If we let the invoker own the segmented queue, we still need an in memory channel from the partition processor(s) to the invoker. If this channel is unbounded and we're overloaded, we might end up in a situation where we OOM before the invoker gets scheduled and spills this queue to disk. Does that make sense?
Ah ok. I think the queue between the partition processor and the invoker should be bounded, then.
@igalshilman i've stumbled on an issue which i believe is related to the queue state machine, you can easily reproduce it by cloning this branch https://github.com/slinkydeveloper/restate/tree/issues/285 and running the verification tests. You can see in the first log lines what is the tmp_dir
used for the segmented queue.
@slinkydeveloper, indded I'm able to reproduce via the verification test, but can't reproduce in isolation like a unit test or so. I wonder if we are using the queue indeed in a single threaded fashion.
Looking at the select loop of the invoker, it seems like we might try to enqueue
while the future for dequeing
is not yet fulfilled hence unblocks the loop, where it shouldn't.

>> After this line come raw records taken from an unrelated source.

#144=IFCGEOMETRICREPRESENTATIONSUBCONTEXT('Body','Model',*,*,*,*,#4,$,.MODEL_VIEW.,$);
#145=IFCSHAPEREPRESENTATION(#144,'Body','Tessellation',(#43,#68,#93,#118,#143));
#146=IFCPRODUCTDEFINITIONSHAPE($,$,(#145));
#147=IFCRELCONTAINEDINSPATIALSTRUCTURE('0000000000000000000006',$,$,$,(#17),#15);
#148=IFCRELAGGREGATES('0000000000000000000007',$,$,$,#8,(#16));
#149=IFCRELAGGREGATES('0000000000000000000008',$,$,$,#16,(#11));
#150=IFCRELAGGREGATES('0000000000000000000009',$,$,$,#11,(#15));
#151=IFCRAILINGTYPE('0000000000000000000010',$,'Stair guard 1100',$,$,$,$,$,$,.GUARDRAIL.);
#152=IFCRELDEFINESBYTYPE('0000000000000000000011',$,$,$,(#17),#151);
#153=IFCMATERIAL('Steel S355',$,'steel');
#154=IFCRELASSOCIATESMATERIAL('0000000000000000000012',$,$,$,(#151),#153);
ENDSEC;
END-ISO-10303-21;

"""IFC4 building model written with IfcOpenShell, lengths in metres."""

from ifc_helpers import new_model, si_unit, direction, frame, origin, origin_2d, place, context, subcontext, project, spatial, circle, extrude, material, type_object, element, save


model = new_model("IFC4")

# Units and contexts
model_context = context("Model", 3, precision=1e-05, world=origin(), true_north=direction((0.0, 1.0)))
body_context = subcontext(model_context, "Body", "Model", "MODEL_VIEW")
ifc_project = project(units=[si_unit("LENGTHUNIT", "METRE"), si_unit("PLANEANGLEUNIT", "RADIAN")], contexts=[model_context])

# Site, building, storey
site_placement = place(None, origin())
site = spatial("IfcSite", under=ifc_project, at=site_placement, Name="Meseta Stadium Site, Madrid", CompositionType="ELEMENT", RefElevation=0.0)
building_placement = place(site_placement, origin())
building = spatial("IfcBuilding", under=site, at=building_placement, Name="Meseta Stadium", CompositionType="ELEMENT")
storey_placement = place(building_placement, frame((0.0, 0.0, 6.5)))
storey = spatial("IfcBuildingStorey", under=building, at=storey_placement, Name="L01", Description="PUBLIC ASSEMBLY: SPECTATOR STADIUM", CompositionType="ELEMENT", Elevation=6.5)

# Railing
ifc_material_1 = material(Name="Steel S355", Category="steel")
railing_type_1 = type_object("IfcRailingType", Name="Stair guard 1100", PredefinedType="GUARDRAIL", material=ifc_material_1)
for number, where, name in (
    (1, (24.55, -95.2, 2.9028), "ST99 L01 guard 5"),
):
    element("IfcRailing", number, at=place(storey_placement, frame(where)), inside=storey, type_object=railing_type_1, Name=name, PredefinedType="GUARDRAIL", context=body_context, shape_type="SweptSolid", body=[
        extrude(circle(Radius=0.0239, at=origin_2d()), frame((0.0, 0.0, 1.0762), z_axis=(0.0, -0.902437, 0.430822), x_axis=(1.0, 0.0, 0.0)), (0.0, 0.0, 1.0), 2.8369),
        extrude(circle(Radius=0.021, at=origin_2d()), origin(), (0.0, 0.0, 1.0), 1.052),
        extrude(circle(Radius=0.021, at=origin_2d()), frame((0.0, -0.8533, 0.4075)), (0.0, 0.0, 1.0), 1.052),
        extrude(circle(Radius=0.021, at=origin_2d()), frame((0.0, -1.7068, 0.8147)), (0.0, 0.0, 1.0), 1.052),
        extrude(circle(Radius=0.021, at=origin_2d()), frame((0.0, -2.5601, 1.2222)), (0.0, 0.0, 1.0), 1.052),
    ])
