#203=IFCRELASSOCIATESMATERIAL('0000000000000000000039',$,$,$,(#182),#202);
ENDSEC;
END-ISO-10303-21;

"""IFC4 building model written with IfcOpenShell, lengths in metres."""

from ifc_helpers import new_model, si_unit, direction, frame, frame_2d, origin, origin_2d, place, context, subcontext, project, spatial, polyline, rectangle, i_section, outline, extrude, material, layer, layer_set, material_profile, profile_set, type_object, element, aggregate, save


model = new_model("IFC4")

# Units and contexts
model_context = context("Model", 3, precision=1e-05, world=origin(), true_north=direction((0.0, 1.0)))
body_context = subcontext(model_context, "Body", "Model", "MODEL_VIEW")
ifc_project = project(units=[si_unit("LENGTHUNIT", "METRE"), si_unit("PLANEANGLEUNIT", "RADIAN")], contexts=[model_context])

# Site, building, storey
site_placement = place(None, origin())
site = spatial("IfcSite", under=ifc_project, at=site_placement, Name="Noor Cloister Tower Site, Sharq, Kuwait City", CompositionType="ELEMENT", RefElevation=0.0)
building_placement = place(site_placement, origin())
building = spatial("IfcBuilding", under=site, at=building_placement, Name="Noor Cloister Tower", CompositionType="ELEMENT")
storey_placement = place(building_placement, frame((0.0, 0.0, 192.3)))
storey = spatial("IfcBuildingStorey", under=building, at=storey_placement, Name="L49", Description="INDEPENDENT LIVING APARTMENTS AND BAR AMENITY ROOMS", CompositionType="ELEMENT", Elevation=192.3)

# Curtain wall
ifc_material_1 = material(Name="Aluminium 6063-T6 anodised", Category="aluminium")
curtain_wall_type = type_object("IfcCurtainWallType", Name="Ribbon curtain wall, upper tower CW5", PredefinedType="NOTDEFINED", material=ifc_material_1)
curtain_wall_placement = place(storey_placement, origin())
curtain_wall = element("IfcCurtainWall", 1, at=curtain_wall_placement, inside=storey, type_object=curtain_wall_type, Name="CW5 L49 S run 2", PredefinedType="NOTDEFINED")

Indeed, moving the dequeue outside of the select
solved this issue:
loop {
if let Some(invoke_input_command) = segmented_input_queue.dequeue().await {
state_machine_coordinator
.must_resolve_partition(invoke_input_command.partition)
.handle_invoke(
invoke_input_command.inner,
StartInvocationTaskArguments::new(
&client,
&journal_reader,
&service_endpoint_registry,
&retry_policy,
suspension_timeout,
response_abort_timeout,
message_size_warning,
message_size_limit,
&mut invocation_tasks,
&invocation_tasks_tx,
&mut retry_timers,
)
).await;
}
tokio::select! {
// --- Spillable queue loading/offloading
Some(invoke_input_command) = invoke_stream.next() => {
segmented_input_queue.enqueue(invoke_input_command).await
},
// --- Other commands (they don't go through the spillable queue)

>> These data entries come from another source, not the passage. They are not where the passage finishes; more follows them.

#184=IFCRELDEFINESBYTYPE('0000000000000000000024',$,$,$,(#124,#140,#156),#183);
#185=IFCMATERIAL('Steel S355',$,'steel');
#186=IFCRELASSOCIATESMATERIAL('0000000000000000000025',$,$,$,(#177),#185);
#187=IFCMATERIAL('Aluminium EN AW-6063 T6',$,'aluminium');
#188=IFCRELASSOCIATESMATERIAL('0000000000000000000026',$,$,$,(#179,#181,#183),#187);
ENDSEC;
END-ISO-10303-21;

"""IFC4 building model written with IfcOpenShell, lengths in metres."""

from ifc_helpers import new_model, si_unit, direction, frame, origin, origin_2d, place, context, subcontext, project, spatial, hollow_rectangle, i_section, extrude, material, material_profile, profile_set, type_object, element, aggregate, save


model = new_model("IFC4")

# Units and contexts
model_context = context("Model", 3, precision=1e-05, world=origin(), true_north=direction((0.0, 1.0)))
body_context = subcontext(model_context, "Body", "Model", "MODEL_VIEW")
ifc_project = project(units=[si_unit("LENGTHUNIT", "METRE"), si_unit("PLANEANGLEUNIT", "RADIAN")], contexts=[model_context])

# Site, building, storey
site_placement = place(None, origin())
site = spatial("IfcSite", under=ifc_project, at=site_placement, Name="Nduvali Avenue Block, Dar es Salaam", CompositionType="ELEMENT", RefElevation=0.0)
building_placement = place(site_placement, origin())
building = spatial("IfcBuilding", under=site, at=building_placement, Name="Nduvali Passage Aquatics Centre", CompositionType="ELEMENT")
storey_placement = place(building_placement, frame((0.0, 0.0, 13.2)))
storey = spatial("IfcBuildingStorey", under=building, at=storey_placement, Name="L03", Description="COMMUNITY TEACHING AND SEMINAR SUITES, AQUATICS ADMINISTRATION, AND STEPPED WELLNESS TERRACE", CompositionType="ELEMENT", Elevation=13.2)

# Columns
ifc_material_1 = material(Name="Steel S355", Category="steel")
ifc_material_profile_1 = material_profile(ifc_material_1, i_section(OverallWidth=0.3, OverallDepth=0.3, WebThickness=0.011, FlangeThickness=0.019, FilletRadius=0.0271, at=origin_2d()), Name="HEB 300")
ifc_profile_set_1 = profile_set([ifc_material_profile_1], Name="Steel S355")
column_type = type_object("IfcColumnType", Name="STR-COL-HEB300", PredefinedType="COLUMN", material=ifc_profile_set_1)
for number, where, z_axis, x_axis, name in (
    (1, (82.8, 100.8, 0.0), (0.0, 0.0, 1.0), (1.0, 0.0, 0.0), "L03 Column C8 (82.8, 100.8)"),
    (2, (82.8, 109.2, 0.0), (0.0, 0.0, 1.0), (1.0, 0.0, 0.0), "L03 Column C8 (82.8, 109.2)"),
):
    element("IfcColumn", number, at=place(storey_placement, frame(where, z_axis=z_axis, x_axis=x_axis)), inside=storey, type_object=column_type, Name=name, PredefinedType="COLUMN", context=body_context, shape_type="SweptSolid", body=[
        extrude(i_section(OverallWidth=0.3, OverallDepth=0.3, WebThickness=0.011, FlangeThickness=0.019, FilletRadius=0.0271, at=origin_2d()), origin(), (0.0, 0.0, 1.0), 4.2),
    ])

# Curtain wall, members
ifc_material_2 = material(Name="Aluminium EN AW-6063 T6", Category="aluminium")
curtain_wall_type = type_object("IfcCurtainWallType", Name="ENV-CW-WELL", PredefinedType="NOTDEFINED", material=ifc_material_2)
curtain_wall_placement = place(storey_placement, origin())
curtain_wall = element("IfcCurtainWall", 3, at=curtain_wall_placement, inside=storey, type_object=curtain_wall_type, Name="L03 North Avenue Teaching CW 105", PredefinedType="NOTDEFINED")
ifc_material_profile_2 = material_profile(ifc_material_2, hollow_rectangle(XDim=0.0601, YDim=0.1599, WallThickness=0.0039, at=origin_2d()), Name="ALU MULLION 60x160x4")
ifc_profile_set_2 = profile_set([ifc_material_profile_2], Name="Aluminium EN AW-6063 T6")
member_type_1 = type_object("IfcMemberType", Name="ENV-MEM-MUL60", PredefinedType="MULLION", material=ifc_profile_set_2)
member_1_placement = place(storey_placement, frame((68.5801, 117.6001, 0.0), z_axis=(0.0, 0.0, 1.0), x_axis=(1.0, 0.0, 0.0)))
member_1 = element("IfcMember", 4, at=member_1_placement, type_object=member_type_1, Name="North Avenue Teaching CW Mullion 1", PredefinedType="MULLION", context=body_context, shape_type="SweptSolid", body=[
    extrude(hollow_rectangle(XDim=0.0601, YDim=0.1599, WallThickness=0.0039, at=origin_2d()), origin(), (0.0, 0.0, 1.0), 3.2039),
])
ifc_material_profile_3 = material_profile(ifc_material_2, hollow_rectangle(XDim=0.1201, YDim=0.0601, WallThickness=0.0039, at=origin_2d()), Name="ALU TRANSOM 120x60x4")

Some(input_message) = other_input_rx.recv() => {
...
Don't know if this approach makes sense to you or not, but at least we know wsup.
Slightly off topic, but i saw that the default value for flushing is 1028
which is really really low, let's have that 4 million at least.
Don't know if this approach makes sense to you or not, but at least we know wsup.
Not sure this is logically correct though, in my mind the invoker loop should optimistically try to do one of the following:
All these if
s should be equally awaited on at the same time, hence the big select statement.
I wonder if we are using the queue indeed in a single threaded fashion.
It should, because we invoke its methods within the same event loop, so definitely there shouldn't be any multi-threading involved (it should not compile at all if that was the case). We concurrently wait on the select statement though, meaning you get your method polled many times.
From the way you describe the bug, it seems to me that there might be some hidden concurrency within the queue that breaks linearizability?
Why do you return None
rather than a pending future when there are no new elements?
From the way you describe the bug, it seems to me that there might be some hidden concurrency within the queue that breaks linearizability?
The queue is not a concurrent data structure, it is meant to be executed sequentially. The methods are async
for the non blocking file io (reading and writing the segmenets) but it is not designed to be used concurrently.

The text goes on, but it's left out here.